Mi clase es una caja de caramelos

De pequeña me encantaba ir a ver a mis abuelos al pueblo porque cuando nos íbamos a casa, siempre, mi abuela nos invitaba a coger un par de caramelos, que al final se convertían en cuatro o cinco con la ayuda del abuelo. A medida que nos hacíamos mayores manteníamos esa tradición que tanto nos gustaba pero con otras directrices: los abuelos se iban a dormir antes y nosotros les dábamos el beso de buenas noches sin olvidar coger ese puñadito de caramelos.

Nunca vi la caja vacía y mira que más de una vez, mis primos y yo nos las apañábamos para entrar sigilosamente y coger algún caramelo creyendo que nadie se enteraba y, claro está, se enteraban todos.

Siempre había caramelos para todos, de todos los gustos. Siempre preparados para los demás. Esa cajita metálica llena de colores y de sabores, es hoy, una caja de recuerdos.

Mi clase es como esa caja de caramelos: siempre está llena. Llena de ruido, de risas, de voces. Llena de niños, de sus historias, de sus juegos, de sus reflexiones. Llena de momentos de trabajo, momentos divertidos, momentos para pensar. Llena de cuentos y de dibujos. Pero sobre todo, llena de necesidades que atender, de soluciones que aplicar y de sonrisas que regalar. Y yo, al igual que mis abuelos, intento tenerla siempre preparada para cada uno de ellos, para que encuentren allí lo que cada mañana buscan al traspasar la puerta del aula.

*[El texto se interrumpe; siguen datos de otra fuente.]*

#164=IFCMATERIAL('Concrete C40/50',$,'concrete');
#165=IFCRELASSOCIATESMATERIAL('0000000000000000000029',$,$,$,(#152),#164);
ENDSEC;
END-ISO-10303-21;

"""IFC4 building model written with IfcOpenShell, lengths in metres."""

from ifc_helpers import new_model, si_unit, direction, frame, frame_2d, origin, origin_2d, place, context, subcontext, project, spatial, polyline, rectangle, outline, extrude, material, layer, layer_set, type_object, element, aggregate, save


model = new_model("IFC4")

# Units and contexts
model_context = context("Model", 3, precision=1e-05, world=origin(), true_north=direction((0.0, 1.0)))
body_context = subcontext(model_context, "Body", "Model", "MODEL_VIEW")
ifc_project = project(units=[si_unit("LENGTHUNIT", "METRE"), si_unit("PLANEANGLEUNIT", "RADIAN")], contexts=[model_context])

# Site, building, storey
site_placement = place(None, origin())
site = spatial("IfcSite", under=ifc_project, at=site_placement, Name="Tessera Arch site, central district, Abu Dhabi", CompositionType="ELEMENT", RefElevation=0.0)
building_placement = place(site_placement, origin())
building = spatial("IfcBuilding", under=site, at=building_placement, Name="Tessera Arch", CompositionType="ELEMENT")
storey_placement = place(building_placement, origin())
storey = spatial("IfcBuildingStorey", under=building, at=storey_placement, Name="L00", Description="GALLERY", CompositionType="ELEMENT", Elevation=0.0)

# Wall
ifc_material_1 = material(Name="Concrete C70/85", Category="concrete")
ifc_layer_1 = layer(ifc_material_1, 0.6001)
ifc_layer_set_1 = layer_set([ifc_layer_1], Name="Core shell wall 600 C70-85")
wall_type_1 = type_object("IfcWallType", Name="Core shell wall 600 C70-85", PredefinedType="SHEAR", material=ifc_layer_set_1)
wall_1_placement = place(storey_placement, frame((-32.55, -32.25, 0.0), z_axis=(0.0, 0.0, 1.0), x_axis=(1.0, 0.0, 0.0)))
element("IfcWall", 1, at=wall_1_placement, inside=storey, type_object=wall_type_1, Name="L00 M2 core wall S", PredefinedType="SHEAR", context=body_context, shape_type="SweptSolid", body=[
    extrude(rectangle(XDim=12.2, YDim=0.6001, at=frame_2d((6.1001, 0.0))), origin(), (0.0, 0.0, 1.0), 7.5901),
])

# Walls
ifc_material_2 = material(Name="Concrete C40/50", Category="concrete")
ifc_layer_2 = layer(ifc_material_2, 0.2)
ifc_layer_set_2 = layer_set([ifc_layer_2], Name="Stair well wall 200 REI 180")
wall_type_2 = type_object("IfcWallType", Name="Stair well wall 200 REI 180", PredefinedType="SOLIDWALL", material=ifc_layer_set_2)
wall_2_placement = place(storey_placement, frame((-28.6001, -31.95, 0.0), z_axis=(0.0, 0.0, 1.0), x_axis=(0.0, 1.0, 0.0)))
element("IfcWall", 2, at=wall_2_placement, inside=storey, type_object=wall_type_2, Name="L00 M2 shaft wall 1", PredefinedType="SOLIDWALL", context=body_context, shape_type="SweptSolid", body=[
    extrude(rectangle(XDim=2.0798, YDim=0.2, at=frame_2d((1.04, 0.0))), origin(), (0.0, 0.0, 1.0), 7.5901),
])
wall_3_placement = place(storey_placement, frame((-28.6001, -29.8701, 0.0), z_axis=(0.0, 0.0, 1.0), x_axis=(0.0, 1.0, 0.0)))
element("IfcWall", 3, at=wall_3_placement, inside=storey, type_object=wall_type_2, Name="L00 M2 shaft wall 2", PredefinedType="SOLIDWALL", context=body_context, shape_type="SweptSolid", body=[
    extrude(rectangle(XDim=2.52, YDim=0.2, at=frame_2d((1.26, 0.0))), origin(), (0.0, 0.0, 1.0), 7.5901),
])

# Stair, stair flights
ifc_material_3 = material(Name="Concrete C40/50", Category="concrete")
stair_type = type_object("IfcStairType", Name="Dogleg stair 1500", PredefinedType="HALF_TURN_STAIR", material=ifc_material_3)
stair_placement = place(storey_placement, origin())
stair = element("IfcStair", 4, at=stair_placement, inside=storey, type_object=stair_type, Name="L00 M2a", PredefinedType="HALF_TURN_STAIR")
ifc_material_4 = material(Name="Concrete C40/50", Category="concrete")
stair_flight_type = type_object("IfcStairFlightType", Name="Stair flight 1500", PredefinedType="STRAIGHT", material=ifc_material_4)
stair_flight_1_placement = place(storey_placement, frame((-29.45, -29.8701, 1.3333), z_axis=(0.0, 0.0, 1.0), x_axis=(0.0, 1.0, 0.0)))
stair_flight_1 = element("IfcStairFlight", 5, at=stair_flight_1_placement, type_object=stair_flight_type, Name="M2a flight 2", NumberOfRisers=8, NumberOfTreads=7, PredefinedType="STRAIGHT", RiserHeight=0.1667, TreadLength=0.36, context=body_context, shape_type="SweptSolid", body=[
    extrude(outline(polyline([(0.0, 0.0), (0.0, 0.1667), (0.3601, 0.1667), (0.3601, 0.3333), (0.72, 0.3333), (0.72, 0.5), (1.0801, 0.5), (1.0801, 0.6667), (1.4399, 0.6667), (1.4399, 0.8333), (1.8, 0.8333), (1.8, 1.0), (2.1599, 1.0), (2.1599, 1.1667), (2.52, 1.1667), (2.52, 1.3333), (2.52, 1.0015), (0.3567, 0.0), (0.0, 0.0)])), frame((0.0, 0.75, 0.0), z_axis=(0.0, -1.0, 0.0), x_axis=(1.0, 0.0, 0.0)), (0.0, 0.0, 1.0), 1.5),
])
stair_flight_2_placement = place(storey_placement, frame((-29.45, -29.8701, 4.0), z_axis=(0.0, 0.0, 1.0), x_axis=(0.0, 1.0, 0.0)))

Reconozco que no es fácil y a veces parece que la caja está casi vacía. La paciencia llega al límite (o eso creo), las clases no salen como las había preparado o algún imprevisto ralentiza el buen ritmo de trabajo que llevábamos. Entonces, pienso en esa caja, que siempre estaba llena, y recuerdo los trucos de mis abuelos intentando aplicarlos a mi aula. Recuerdo que cuando los caramelos se estaban acabando y los nietos estábamos a punto de llegar y saquear esa cajita con nuestras manos y alboroto, los abuelos, sin que nos diésemos cuenta, abrían el armario o el cajón y reponían con disimulo y si no había pedían ayuda a alguno de mis tíos que rápidamente iba al pueblo cercano y traía más. Si quedaban pocos, nos enseñaron a compartir y cuando había muchos aprendimos a administrarlos, aunque nos costase alguna lagrimilla.

Quizás eso es lo que nos falta a los mayores: aprender a pedir ayuda, aprender a compartir con los compañeros, aprender a servir a los demás.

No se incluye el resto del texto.